CHAPTER 1. GENERAL CORPORATION LAW

Subchapter XVII. Miscellaneous Provisions

§ 391. Taxes and fees payable to Secretary of State upon

filing certificate or other paper.

(a) The following taxes and fees shall be collected by and paid

to the Secretary of State, for the use of the State:

(1) Upon the receipt for filing of an original certificate of

incorporation, the tax shall be computed on the basis of 2 cents

for each share of authorized capital stock having par value up to

and including 20,000 shares, 1 cent for each share in excess of

20,000 shares up to and including 200,000 shares, and twofifths

of a cent for each share in excess of 200,000 shares; 1

cent for each share of authorized capital stock without par value

up to and including 20,000 shares, one-half of a cent for each

share in excess of 20,000 shares up to and including 2,000,000

shares, and two-fifths of a cent for each share in excess of

2,000,000 shares. In no case shall the amount paid be less than

$15. For the purpose of computing the tax on par value stock

each $100 unit of the authorized capital stock shall be counted

as 1 taxable share.

(2) Upon the receipt for filing of a certificate of

amendment of certificate of incorporation, or a certificate of

amendment of certificate of incorporation before payment of

capital, or a restated certificate of incorporation, increasing the

authorized capital stock of a corporation, the tax shall be an

amount equal to the difference between the tax computed at

the foregoing rates upon the total authorized capital stock of the

corporation including the proposed increase, and the tax

computed at the foregoing rates upon the total authorized

capital stock excluding the proposed increase. In no case shall

the amount paid be less than $30.

(3) Upon the receipt for filing of a certificate of

amendment of certificate of incorporation before payment of

capital and not involving an increase of authorized capital stock,

or an amendment to the certificate of incorporation not

involving an increase of authorized capital stock, or a restated

certificate of incorporation not involving an increase of

authorized capital stock, or a certificate of retirement of stock,

the tax to be paid shall be $30. For all other certificates relating

to corporations, not otherwise provided for, the tax to be paid

shall be $5. In case of corporations created solely for religious

or charitable purposes no tax shall be paid.
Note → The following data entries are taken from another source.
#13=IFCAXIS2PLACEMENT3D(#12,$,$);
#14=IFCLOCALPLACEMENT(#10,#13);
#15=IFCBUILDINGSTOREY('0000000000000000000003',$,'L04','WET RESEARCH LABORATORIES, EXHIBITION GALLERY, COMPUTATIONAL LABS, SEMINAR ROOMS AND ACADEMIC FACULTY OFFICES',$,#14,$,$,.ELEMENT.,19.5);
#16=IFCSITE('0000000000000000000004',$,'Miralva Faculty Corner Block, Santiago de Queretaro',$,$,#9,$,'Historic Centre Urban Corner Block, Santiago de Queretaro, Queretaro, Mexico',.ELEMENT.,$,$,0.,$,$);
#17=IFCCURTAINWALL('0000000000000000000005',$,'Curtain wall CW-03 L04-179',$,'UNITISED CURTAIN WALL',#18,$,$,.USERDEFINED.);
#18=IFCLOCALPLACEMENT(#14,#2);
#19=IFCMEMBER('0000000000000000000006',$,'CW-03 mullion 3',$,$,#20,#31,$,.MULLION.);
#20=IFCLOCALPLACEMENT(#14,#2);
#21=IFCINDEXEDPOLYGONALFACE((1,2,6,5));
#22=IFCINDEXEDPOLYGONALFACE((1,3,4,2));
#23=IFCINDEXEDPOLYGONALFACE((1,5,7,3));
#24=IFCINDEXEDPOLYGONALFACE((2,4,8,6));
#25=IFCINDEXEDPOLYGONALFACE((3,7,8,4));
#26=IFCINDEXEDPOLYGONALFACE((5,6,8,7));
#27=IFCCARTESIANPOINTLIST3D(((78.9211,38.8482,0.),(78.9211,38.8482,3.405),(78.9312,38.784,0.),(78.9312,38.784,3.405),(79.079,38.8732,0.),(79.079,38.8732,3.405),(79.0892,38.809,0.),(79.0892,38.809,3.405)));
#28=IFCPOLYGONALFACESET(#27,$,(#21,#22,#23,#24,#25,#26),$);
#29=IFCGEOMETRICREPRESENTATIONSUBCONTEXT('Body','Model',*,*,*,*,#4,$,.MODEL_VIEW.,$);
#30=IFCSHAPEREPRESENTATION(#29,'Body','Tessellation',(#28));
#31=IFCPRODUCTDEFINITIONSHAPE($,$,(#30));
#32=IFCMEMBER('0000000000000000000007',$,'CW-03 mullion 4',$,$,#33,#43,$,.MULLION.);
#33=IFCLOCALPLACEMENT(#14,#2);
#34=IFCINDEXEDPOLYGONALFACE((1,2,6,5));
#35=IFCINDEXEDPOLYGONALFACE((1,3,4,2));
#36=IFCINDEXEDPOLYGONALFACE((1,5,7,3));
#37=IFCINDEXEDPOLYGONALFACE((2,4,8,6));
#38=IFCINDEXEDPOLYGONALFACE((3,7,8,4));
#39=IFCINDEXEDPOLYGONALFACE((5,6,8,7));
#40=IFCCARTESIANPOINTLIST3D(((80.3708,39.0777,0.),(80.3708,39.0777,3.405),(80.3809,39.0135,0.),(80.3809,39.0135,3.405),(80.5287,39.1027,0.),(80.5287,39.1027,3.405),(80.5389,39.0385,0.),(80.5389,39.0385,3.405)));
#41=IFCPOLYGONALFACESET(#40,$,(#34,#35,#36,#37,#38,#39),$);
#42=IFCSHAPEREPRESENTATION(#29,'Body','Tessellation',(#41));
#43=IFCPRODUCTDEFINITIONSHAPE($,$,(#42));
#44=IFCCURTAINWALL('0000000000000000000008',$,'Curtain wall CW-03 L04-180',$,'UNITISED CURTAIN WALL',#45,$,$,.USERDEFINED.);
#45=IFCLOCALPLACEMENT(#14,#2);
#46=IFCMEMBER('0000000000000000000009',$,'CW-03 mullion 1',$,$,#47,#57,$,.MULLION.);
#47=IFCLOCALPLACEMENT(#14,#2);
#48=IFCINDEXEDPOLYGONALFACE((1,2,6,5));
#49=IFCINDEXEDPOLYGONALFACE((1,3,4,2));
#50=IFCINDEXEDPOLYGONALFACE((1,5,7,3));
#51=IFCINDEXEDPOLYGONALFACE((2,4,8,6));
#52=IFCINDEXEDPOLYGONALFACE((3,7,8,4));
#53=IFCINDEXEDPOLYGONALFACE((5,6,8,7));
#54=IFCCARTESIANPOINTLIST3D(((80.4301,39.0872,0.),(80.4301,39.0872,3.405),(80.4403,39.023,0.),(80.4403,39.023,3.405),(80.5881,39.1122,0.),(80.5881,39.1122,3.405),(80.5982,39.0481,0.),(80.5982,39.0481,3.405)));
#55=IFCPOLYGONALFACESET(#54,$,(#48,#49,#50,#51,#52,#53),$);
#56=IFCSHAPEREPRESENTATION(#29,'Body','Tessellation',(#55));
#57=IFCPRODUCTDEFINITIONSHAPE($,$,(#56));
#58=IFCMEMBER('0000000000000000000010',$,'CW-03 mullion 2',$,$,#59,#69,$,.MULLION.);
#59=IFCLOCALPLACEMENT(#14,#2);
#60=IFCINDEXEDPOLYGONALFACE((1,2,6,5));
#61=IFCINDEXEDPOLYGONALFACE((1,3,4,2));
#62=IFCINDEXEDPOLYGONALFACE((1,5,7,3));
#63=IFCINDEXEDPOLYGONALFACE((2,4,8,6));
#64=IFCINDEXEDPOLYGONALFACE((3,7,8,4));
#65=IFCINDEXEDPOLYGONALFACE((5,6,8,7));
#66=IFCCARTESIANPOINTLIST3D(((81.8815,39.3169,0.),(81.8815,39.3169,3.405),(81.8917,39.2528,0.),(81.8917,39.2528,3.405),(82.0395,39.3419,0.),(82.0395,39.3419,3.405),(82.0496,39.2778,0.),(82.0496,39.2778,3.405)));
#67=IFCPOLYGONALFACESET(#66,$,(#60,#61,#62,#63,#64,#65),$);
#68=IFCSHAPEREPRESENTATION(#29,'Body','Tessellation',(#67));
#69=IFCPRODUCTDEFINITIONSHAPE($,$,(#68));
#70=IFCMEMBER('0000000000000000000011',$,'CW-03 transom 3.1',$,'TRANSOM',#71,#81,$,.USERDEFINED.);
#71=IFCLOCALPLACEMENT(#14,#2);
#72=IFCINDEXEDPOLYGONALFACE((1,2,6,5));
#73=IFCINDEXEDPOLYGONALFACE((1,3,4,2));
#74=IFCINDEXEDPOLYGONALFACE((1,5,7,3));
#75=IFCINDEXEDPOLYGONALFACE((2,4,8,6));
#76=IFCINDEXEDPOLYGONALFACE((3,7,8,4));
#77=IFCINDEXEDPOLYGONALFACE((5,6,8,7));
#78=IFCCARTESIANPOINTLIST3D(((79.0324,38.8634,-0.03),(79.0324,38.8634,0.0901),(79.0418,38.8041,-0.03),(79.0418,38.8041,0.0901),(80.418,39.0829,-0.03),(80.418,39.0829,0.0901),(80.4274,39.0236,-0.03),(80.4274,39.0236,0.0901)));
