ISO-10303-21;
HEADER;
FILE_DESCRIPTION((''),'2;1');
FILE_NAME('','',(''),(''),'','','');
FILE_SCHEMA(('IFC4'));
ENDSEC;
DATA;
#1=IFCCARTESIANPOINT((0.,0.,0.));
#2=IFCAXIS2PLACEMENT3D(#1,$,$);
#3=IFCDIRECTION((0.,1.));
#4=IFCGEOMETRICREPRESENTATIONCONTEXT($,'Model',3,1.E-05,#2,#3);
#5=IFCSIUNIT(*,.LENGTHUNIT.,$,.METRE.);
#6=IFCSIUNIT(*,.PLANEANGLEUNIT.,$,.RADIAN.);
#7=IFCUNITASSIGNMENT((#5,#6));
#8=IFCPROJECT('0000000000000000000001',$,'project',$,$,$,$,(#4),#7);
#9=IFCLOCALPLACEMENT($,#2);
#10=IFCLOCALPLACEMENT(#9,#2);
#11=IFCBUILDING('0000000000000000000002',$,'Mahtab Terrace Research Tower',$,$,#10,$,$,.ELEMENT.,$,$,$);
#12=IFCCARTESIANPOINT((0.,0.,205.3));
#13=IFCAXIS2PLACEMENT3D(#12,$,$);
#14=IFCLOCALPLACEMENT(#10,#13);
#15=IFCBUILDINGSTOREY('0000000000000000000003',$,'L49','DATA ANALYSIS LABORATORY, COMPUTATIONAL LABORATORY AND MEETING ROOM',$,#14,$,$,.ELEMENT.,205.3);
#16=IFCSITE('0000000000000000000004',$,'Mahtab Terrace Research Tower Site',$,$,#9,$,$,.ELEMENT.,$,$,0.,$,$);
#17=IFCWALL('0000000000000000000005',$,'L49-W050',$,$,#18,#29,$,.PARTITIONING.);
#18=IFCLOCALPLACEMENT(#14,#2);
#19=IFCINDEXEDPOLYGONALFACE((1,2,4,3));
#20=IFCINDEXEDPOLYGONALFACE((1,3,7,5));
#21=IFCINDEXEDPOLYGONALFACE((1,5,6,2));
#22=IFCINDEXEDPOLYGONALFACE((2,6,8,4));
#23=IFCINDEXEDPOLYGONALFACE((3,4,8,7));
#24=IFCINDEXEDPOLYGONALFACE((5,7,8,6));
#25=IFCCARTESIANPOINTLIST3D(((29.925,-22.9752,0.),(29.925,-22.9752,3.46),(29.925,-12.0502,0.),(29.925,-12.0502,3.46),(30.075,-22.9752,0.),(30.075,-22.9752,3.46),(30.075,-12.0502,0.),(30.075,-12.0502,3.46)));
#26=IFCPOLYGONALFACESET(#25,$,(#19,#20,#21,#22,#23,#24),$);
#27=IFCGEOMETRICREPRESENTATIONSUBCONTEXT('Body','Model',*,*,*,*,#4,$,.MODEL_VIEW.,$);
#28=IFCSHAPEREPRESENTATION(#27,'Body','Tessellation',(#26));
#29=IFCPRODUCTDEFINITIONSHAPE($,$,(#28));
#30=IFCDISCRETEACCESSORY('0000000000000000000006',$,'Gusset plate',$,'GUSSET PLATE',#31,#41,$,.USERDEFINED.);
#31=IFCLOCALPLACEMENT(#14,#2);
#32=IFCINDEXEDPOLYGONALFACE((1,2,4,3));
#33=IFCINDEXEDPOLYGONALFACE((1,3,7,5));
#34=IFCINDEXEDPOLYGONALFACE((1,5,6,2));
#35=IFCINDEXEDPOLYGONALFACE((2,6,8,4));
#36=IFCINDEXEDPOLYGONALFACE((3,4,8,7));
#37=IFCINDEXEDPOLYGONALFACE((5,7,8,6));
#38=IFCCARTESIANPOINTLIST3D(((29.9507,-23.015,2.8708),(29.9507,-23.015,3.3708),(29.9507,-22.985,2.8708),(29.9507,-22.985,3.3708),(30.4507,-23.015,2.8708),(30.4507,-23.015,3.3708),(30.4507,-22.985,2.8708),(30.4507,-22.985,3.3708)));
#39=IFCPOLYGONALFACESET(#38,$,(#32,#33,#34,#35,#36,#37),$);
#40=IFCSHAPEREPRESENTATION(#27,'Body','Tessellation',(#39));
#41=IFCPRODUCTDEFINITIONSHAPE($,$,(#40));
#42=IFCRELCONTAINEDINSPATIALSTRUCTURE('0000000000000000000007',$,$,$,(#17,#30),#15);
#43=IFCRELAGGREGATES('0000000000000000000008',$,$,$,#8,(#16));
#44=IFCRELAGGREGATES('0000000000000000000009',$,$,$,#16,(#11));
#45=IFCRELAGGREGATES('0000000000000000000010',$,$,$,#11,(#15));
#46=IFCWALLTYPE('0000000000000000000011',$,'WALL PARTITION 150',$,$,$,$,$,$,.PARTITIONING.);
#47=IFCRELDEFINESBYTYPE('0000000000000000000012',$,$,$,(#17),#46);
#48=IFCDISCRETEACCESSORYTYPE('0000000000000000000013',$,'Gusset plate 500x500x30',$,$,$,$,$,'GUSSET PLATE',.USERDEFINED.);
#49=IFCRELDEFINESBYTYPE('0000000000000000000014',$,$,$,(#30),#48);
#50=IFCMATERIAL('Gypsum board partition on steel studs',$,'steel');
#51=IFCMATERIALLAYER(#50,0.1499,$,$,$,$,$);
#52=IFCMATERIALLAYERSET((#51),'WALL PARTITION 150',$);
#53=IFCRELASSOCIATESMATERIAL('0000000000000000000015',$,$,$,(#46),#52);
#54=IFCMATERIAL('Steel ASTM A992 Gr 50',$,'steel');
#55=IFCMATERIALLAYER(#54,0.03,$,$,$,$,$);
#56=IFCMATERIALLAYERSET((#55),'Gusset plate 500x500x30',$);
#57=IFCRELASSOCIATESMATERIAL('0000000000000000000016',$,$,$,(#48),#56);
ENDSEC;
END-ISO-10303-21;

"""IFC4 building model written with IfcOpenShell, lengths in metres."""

from ifc_helpers import new_model, si_unit, direction, frame, frame_2d, origin, origin_2d, place, context, subcontext, project, spatial, rectangle, extrude, material, layer, layer_set, type_object, element, save


model = new_model("IFC4")

# Units and contexts
model_context = context("Model", 3, precision=1e-05, world=origin(), true_north=direction((0.0, 1.0)))
body_context = subcontext(model_context, "Body", "Model", "MODEL_VIEW")
ifc_project = project(units=[si_unit("LENGTHUNIT", "METRE"), si_unit("PLANEANGLEUNIT", "RADIAN")], contexts=[model_context])

# Site, building, storey
site_placement = place(None, origin())
site = spatial("IfcSite", under=ifc_project, at=site_placement, Name="Mahtab Terrace Research Tower Site", CompositionType="ELEMENT", RefElevation=0.0)
building_placement = place(site_placement, origin())
building = spatial("IfcBuilding", under=site, at=building_placement, Name="Mahtab Terrace Research Tower", CompositionType="ELEMENT")
storey_placement = place(building_placement, frame((0.0, 0.0, 205.3)))
storey = spatial("IfcBuildingStorey", under=building, at=storey_placement, Name="L49", Description="DATA ANALYSIS LABORATORY, COMPUTATIONAL LABORATORY AND MEETING ROOM", CompositionType="ELEMENT", Elevation=205.3)

# Shared definitions
ifc_material_1 = material(Name="Steel ASTM A992 Gr 50", Category="steel")

# Wall
ifc_material_2 = material(Name="Gypsum board partition on steel studs", Category="steel")
ifc_layer_1 = layer(ifc_material_2, 0.1499)
ifc_layer_set_1 = layer_set([ifc_layer_1], Name="WALL PARTITION 150")
wall_type_1 = type_object("IfcWallType", Name="WALL PARTITION 150", PredefinedType="PARTITIONING", material=ifc_layer_set_1)
wall_1_placement = place(storey_placement, frame((30.0, -22.9751, 0.0), z_axis=(0.0, 0.0, 1.0), x_axis=(0.0, 1.0, 0.0)))
element("IfcWall", 1, at=wall_1_placement, inside=storey, type_object=wall_type_1, Name="L49-W050", PredefinedType="PARTITIONING", context=body_context, shape_type="SweptSolid", body=[
    extrude(rectangle(XDim=10.925, YDim=0.1499, at=frame_2d((5.4624, 0.0))), origin(), (0.0, 0.0, 1.0), 3.46),
])

# Discrete accessory
ifc_layer_2 = layer(ifc_material_1, 0.03)
ifc_layer_set_2 = layer_set([ifc_layer_2], Name="Gusset plate 500x500x30")
discrete_accessory_type = type_object("IfcDiscreteAccessoryType", Name="Gusset plate 500x500x30", ElementType="GUSSET PLATE", PredefinedType="USERDEFINED", material=ifc_layer_set_2)
discrete_accessory_placement = place(storey_placement, frame((30.2007, -23.0, 2.8708), z_axis=(0.0, 0.0, 1.0), x_axis=(1.0, 0.0, 0.0)))
element("IfcDiscreteAccessory", 2, at=discrete_accessory_placement, inside=storey, type_object=discrete_accessory_type, Name="Gusset plate", ObjectType="GUSSET PLATE", PredefinedType="USERDEFINED", context=body_context, shape_type="SweptSolid", body=[
    extrude(rectangle(XDim=0.5, YDim=0.03, at=origin_2d()), origin(), (0.0, 0.0, 1.0), 0.5),
])

save(model, "model.ifc")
(4) Upon the receipt for filing of a certificate of merger or

consolidation of 2 or more corporations, the tax shall be an

amount equal to the difference between the tax computed at

the foregoing rates upon the total authorized capital stock of the

corporation created by the merger or consolidation, and the tax

so computed upon the aggregate amount of the total authorized

capital stock of the constituent corporations. In no case shall

the amount paid be less than $75. The foregoing tax shall be in

addition to any tax or fee required under any other law of this

State to be paid by any constituent entity that is not a

corporation in connection with the filing of the certificate of

merger or consolidation.

(5) Upon the receipt for filing of a certificate of

dissolution, there shall be paid to and collected by the Secretary

of State a tax of:

a. Forty dollars ($40); or

b. Ten dollars ($10) in the case of a certificate of

dissolution which certifies that:

1. The corporation has no assets and has ceased transacting

business; and

2. The corporation, for each year since its incorporation in this

State, has been required to pay only the minimum franchise tax

then prescribed by § 503 of this title; and

3. The corporation has paid all franchise taxes and fees due to

or assessable by this State through the end of the year in which

said certificate of dissolution is filed.

(6) Upon the receipt for filing of a certificate or other

paper of surrender and withdrawal from the State by a foreign

corporation, there shall be collected by and paid to the

Secretary of State a tax of $10.

(7) For receiving and filing and/or indexing any

certificate, affidavit, agreement or any other paper provided for

by this chapter, for which no different fee is specifically

prescribed, a fee of $50 in each case shall be paid to the

Secretary of State. The fee in the case of a certificate of

incorporation filed as required by § 102 of this title shall be $25.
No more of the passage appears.